Well, he wasn’t the Speaker I’d have chosen. He’s bumptious, pompous, arrogant and obnoxious – and those are his good points. Choosing a Speaker in order to annoy the opposition doesn’t have a fantastic pedigree either. But there we are. A couple of points do occur to me, however, which people who are greeting Bercow’s victory with elation ought to consider.
The first is that the Labour party have less than a year left in power. Not long before a grinning front bencher can sneer “we are the masters now”. Taking important political decisions for petty political reasons is funny now. Less funny next year when the subject of party funding, or postal ballots, or voter registration, or union affiliation, or House of Lords reform come up. As examples of bi-partisan co-operation go, this one was not up there with the best.
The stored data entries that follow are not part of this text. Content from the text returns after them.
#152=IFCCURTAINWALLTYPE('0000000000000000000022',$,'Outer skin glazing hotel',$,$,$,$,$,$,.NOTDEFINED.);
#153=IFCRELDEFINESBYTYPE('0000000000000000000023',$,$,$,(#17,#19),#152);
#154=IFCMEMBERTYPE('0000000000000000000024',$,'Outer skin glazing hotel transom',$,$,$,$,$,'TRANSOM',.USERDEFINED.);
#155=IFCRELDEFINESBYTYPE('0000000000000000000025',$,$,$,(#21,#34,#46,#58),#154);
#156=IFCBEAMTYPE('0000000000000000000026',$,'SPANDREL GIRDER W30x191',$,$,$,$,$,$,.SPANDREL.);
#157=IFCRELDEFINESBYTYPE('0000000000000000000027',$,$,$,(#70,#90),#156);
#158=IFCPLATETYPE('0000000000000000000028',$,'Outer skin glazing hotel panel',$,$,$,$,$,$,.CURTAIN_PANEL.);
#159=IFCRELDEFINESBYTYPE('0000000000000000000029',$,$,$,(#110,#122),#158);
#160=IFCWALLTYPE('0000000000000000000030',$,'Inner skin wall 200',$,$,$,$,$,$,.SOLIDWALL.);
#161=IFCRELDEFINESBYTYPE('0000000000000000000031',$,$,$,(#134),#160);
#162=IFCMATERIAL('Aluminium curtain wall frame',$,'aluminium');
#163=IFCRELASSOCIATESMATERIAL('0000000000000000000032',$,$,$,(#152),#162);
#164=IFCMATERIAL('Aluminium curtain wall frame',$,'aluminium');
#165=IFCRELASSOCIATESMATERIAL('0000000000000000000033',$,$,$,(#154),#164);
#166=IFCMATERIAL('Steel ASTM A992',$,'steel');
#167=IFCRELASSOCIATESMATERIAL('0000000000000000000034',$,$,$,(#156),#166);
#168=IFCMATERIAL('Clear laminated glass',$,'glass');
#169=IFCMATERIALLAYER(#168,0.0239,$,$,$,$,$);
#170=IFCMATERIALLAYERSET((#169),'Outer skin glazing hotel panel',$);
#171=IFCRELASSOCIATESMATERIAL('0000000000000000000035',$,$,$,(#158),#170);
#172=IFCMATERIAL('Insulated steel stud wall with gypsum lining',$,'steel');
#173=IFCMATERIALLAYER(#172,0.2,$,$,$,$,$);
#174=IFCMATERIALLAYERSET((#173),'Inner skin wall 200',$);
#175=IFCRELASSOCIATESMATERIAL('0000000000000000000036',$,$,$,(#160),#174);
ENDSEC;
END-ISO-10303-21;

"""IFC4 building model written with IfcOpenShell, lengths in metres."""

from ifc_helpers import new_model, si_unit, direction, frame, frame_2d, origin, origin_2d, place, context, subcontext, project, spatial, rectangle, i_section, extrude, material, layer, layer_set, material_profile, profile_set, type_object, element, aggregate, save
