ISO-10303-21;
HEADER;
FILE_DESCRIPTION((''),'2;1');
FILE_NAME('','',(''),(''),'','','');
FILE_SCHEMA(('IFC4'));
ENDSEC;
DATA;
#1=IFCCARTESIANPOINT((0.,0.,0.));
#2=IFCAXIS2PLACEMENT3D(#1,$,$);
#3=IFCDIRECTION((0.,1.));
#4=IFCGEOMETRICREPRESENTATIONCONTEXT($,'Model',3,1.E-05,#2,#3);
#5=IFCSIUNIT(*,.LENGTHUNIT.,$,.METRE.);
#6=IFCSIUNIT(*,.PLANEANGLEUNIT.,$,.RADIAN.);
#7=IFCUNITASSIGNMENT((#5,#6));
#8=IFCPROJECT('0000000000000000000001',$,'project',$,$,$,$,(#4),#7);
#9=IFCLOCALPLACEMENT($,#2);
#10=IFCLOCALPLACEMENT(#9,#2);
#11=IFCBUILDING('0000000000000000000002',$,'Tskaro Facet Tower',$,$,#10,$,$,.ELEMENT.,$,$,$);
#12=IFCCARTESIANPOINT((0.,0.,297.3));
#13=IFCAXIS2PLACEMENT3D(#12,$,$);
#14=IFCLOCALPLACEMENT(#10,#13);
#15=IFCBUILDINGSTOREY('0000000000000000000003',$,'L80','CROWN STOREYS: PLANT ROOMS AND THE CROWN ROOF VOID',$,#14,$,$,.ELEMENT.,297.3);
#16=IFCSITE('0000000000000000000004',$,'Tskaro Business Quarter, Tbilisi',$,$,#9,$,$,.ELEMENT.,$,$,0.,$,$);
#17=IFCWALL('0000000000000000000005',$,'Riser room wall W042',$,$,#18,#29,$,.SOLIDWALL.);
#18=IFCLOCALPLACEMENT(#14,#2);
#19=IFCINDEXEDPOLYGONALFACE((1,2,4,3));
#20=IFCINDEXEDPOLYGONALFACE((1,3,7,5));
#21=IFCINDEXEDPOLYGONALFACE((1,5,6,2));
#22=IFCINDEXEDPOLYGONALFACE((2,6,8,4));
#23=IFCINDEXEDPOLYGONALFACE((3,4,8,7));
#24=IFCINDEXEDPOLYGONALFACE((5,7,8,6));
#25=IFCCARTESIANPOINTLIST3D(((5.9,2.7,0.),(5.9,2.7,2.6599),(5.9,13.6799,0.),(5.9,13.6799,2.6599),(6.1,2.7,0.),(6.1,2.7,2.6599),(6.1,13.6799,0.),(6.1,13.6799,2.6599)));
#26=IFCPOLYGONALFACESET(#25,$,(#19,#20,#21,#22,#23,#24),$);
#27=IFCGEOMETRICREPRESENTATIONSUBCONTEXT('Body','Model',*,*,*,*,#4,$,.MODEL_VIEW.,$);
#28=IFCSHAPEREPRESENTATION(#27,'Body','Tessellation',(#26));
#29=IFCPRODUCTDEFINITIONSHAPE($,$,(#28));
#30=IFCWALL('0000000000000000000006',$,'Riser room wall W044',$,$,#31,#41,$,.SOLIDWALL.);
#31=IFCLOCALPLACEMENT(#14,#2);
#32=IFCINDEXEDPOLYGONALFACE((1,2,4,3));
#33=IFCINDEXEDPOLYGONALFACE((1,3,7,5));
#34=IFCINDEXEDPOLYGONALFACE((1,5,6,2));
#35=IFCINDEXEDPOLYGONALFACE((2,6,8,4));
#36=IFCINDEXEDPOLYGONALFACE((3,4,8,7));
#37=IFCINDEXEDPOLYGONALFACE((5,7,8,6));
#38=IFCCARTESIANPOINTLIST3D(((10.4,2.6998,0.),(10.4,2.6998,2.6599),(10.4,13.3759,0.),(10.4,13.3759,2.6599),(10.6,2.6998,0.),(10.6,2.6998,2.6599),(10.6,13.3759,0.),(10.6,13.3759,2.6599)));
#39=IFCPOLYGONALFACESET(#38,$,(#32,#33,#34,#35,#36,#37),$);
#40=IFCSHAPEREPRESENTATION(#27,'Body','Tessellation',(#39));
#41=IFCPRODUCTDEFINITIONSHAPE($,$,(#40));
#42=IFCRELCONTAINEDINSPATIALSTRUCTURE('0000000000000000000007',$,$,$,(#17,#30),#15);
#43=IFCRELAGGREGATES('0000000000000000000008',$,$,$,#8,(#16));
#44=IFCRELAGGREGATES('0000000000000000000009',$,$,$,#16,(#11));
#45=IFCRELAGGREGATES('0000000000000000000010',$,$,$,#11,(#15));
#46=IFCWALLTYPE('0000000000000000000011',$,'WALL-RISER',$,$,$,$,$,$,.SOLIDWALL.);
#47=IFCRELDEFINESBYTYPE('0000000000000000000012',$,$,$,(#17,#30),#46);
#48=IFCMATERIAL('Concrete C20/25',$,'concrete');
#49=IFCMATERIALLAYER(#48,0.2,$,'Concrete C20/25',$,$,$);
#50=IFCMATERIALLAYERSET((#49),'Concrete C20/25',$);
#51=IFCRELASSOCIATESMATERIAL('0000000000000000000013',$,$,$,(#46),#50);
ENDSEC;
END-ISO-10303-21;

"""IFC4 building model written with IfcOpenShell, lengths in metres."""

from ifc_helpers import new_model, si_unit, direction, frame, frame_2d, origin, place, context, subcontext, project, spatial, rectangle, extrude, material, layer, layer_set, type_object, element, save


model = new_model("IFC4")

# Units and contexts
model_context = context("Model", 3, precision=1e-05, world=origin(), true_north=direction((0.0, 1.0)))
body_context = subcontext(model_context, "Body", "Model", "MODEL_VIEW")
ifc_project = project(units=[si_unit("LENGTHUNIT", "METRE"), si_unit("PLANEANGLEUNIT", "RADIAN")], contexts=[model_context])

# Site, building, storey
site_placement = place(None, origin())
site = spatial("IfcSite", under=ifc_project, at=site_placement, Name="Tskaro Business Quarter, Tbilisi", CompositionType="ELEMENT", RefElevation=0.0)
building_placement = place(site_placement, origin())
building = spatial("IfcBuilding", under=site, at=building_placement, Name="Tskaro Facet Tower", CompositionType="ELEMENT")
storey_placement = place(building_placement, frame((0.0, 0.0, 297.3)))
storey = spatial("IfcBuildingStorey", under=building, at=storey_placement, Name="L80", Description="CROWN STOREYS: PLANT ROOMS AND THE CROWN ROOF VOID", CompositionType="ELEMENT", Elevation=297.3)

# Walls
ifc_material_1 = material(Name="Concrete C20/25", Category="concrete")
ifc_layer_1 = layer(ifc_material_1, 0.2, Name="Concrete C20/25")
ifc_layer_set_1 = layer_set([ifc_layer_1], Name="Concrete C20/25")
wall_type = type_object("IfcWallType", Name="WALL-RISER", PredefinedType="SOLIDWALL", material=ifc_layer_set_1)
for number, where, z_axis, x_axis, name in (
    (1, (6.0, 2.7, 0.0), (0.0, 0.0, 1.0), (0.0, 1.0, 0.0), "Riser room wall W042"),
):
    element("IfcWall", number, at=place(storey_placement, frame(where, z_axis=z_axis, x_axis=x_axis)), inside=storey, type_object=wall_type, Name=name, PredefinedType="SOLIDWALL", context=body_context, shape_type="SweptSolid", body=[
        extrude(rectangle(XDim=10.98, YDim=0.2, at=frame_2d((5.49, 0.0))), origin(), (0.0, 0.0, 1.0), 2.6599),
    ])
wall_placement = place(storey_placement, frame((10.5, 2.7, 0.0), z_axis=(0.0, 0.0, 1.0), x_axis=(0.0, 1.0, 0.0)))
element("IfcWall", 2, at=wall_placement, inside=storey, type_object=wall_type, Name="Riser room wall W044", PredefinedType="SOLIDWALL", context=body_context, shape_type="SweptSolid", body=[
    extrude(rectangle(XDim=10.676, YDim=0.2, at=frame_2d((5.3379, 0.0))), origin(), (0.0, 0.0, 1.0), 2.6599),
])

save(model, "model.ifc")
The second is that Labour have bought a bit of a pig in a poke. John Bercow’s overwhelming characteristic has been neither loyalty nor consistency. He was Torier than the Tories before he got Buckingham, one of the safest Tory seats in the country. Under 12 years of Labour rule, he tracked ever closer to the Blairite big tent, teetering on the very edge of defecting last year. But now he’s Speaker, he needs nothing from Labour. Indeed, the only threat to his position would be a Tory Government taking steps to dethrone him. I wouldn’t be too surprised if he starts tracking back. PMQs should be interesting at any rate. In a sense, Bercow is on a year’s probation. Obvious slippage, and the reappointment of the Speaker for the next Parliament, normally a formality, may be a real contest.